Da ich morgen versuche meine Megafalten irgenwie noch weg zu bekommen, dies aber ein schwieriges Unternehmen ist wollte ich hier fragen ob es besser ist die Folie so zu ziehen das man wenige große Falten hat .... oder sollte man lieber viele kleine Falten lassen??

Ich habe aktuell 2-3 grosse Falten mit gut 20cm....


----------



## Teich Greenhorn (24. Apr. 2011)

*AW: Faltenverlegung in der Teichfolie*

Hallo, frohe Ostern.

Ich denke mal, dass es sich mit den Falten beim verlegen, von ganz alleine ergibt wieviele es am Ende werden.Kommt natürlich auch auf die Form des Teiches an.
Da ich einen rechteckigen Teich habe, war es bei mir mit einer größeren Falte in jeder Ecke getan.


Gruß aus dem Kehdinger Land

Thomas


----------



## pyro (24. Apr. 2011)

*AW: Faltenverlegung in der Teichfolie*

Frohe Ostern!

Bei mir werden es ein paar mehr Falten und ich kann die doch halbwegs ziehen zu einer grossen oder 2-3 kleineren Falten...

Das schau ich mir jetzt genauer an und grab noch etwas herum.


----------



## Christine (24. Apr. 2011)

*AW: Faltenverlegung in der Teichfolie*

Hallo Jürgen,

einige bevorzugen auch die großen Falten und verkleben die dann.


----------



## andreas w. (24. Apr. 2011)

*AW: Faltenverlegung in der Teichfolie*

@Christine: Geht grundsätzlich, das mit dem Verkleben, ist aber mit Vorsicht zu geniessen, da speziell im Bereich, wo der Schnitt abfängt (in der nähe der Mitte der Folie) keine Überlappung der Folie vorliegt und somit quasi nix zum zusammenkleben ist.
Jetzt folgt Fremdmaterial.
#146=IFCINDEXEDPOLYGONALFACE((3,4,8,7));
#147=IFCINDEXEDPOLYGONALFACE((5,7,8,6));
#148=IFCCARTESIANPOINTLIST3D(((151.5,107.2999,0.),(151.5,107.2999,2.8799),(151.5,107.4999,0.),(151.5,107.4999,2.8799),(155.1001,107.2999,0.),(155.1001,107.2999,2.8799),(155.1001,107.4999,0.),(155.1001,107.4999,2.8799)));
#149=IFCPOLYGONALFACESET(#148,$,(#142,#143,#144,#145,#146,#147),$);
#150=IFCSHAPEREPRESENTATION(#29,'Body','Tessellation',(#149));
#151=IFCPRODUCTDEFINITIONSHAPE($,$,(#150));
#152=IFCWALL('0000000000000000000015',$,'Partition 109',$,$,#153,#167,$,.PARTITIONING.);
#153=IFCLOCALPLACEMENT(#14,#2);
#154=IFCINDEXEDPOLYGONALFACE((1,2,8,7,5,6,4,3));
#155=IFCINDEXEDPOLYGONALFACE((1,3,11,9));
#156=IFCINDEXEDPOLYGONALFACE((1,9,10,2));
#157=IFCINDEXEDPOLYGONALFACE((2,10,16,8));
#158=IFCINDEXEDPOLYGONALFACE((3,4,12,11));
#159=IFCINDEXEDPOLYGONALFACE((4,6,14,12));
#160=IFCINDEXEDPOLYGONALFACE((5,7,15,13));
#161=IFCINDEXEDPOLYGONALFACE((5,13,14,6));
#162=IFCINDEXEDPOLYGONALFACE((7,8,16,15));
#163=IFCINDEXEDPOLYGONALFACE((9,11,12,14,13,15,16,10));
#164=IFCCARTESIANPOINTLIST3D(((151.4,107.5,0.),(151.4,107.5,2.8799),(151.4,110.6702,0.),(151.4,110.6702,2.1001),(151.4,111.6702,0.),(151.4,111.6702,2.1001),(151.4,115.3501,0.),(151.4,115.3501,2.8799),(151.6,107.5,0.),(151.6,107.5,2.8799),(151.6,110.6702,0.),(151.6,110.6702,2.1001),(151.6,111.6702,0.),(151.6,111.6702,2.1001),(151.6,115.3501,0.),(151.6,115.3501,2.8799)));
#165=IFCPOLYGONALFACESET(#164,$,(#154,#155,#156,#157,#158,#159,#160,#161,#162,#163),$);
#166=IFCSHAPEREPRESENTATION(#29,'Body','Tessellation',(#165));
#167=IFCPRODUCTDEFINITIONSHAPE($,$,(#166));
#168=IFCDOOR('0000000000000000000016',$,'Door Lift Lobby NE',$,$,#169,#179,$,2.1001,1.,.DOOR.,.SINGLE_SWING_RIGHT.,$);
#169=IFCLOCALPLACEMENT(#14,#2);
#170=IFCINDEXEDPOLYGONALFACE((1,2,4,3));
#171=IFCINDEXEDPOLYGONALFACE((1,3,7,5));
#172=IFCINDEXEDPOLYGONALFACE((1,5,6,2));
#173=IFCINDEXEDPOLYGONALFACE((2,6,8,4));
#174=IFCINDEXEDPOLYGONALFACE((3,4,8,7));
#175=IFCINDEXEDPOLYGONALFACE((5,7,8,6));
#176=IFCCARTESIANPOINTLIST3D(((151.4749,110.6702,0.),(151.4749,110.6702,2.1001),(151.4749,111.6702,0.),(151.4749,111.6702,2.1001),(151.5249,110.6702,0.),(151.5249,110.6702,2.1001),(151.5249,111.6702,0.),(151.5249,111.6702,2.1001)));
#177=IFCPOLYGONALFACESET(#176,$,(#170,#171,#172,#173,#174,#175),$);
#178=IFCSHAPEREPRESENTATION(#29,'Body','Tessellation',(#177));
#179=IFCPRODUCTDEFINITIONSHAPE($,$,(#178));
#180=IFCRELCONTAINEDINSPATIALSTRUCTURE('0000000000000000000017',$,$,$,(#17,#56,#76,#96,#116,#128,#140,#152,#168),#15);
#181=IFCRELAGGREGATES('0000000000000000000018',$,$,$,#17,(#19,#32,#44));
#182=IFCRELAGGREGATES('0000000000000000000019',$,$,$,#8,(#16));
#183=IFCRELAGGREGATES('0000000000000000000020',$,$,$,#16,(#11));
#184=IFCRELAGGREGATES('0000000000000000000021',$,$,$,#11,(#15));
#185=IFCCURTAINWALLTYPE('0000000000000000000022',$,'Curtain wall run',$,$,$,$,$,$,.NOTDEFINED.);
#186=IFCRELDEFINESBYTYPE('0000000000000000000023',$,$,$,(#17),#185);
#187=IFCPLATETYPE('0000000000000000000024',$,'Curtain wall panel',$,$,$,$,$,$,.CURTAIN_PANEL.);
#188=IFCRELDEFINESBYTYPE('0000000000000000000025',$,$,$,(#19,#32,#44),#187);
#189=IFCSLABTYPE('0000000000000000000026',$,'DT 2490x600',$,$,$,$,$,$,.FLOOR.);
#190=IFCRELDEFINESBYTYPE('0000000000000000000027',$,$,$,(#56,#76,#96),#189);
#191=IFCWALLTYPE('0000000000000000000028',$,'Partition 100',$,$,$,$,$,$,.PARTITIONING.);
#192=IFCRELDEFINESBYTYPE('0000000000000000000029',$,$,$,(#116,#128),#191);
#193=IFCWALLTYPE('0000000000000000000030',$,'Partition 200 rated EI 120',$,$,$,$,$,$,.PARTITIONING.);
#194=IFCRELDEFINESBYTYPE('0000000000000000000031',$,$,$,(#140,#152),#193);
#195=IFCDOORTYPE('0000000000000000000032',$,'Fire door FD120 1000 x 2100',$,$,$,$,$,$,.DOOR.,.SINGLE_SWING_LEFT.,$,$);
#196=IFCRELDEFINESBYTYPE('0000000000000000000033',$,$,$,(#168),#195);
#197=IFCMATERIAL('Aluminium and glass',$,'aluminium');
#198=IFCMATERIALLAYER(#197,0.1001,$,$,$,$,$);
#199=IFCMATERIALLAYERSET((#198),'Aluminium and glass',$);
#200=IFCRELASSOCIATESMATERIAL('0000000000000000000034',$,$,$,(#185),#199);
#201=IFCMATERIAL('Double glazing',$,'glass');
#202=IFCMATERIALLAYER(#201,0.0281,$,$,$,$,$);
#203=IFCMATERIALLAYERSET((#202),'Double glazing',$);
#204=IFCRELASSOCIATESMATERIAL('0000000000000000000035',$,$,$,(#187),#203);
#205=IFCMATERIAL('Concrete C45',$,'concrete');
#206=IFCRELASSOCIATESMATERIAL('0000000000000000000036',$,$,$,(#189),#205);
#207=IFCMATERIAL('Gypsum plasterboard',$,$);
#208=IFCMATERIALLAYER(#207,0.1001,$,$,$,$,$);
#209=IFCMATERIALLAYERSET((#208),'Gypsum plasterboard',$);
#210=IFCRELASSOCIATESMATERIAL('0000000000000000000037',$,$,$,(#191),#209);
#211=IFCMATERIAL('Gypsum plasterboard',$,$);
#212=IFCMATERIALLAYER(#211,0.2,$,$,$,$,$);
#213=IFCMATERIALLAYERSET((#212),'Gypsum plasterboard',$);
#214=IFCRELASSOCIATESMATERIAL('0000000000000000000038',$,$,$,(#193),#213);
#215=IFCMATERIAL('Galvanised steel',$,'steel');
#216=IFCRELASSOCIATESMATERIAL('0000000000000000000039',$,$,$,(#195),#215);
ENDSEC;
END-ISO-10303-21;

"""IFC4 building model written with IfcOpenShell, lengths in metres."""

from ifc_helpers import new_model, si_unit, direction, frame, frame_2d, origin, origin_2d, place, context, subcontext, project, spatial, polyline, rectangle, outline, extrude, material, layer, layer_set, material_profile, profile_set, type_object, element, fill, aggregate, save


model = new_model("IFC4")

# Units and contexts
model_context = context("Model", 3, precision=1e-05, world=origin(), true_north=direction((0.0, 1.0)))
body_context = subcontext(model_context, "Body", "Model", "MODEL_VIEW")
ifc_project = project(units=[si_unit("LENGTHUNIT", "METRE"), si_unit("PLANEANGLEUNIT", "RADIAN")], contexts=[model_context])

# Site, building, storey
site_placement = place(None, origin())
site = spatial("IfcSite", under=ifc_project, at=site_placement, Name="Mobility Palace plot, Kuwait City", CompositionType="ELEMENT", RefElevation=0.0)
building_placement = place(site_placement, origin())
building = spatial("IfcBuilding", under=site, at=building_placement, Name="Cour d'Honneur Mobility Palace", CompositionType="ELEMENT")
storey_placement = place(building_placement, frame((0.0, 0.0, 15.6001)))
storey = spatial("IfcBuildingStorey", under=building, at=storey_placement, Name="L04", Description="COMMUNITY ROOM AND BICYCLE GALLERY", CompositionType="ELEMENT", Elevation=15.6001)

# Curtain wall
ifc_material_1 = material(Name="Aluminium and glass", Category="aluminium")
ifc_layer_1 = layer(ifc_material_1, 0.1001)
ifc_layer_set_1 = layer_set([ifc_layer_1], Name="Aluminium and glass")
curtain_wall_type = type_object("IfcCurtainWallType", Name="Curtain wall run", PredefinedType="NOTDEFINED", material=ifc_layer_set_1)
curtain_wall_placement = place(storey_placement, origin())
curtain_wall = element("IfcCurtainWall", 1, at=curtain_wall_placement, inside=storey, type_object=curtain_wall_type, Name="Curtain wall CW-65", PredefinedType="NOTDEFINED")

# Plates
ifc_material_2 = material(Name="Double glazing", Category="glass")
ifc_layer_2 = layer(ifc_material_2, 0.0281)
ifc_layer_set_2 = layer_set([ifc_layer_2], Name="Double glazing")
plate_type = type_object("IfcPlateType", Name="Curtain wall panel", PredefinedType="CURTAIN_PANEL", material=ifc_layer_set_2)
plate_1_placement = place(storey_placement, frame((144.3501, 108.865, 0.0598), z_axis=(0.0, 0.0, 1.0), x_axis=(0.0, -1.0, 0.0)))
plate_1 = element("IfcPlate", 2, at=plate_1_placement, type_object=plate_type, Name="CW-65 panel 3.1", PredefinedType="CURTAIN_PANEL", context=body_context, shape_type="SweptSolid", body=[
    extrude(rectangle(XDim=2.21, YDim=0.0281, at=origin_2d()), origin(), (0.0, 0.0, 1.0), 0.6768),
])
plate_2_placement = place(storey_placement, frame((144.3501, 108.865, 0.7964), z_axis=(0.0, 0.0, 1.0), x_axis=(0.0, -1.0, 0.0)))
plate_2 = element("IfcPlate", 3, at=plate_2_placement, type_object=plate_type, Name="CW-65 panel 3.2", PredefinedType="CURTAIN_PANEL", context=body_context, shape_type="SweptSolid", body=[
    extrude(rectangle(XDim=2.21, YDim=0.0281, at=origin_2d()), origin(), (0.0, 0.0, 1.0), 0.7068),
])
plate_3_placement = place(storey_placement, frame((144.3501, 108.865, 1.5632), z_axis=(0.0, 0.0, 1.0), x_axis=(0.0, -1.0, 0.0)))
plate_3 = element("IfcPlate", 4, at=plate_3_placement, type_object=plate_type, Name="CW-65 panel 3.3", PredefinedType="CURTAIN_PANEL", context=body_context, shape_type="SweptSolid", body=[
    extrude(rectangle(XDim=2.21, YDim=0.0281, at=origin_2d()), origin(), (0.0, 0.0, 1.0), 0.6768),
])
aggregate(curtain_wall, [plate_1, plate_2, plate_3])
@Pyro: In unsrem Teich hab ich die Falten in der Folie einfach so groß gelassen, wie sie sind und mit Vlies (auch gegen die UV-Strahlen) überdeckt und zuwachsen lassen. Die Falten die man un ter Wasser sieht, sind halt da und - iss halt so. Natu ist auch nicht optisch perfekt.

Schöne Ostern - Andreas


----------



## flo88 (24. Apr. 2011)

*AW: Faltenverlegung in der Teichfolie*

Fische werden sich über diverse große Falten freuen, da diese gerne als Versteckmöglichkeit (o.a Schattenplatz) genutzt werden.


----------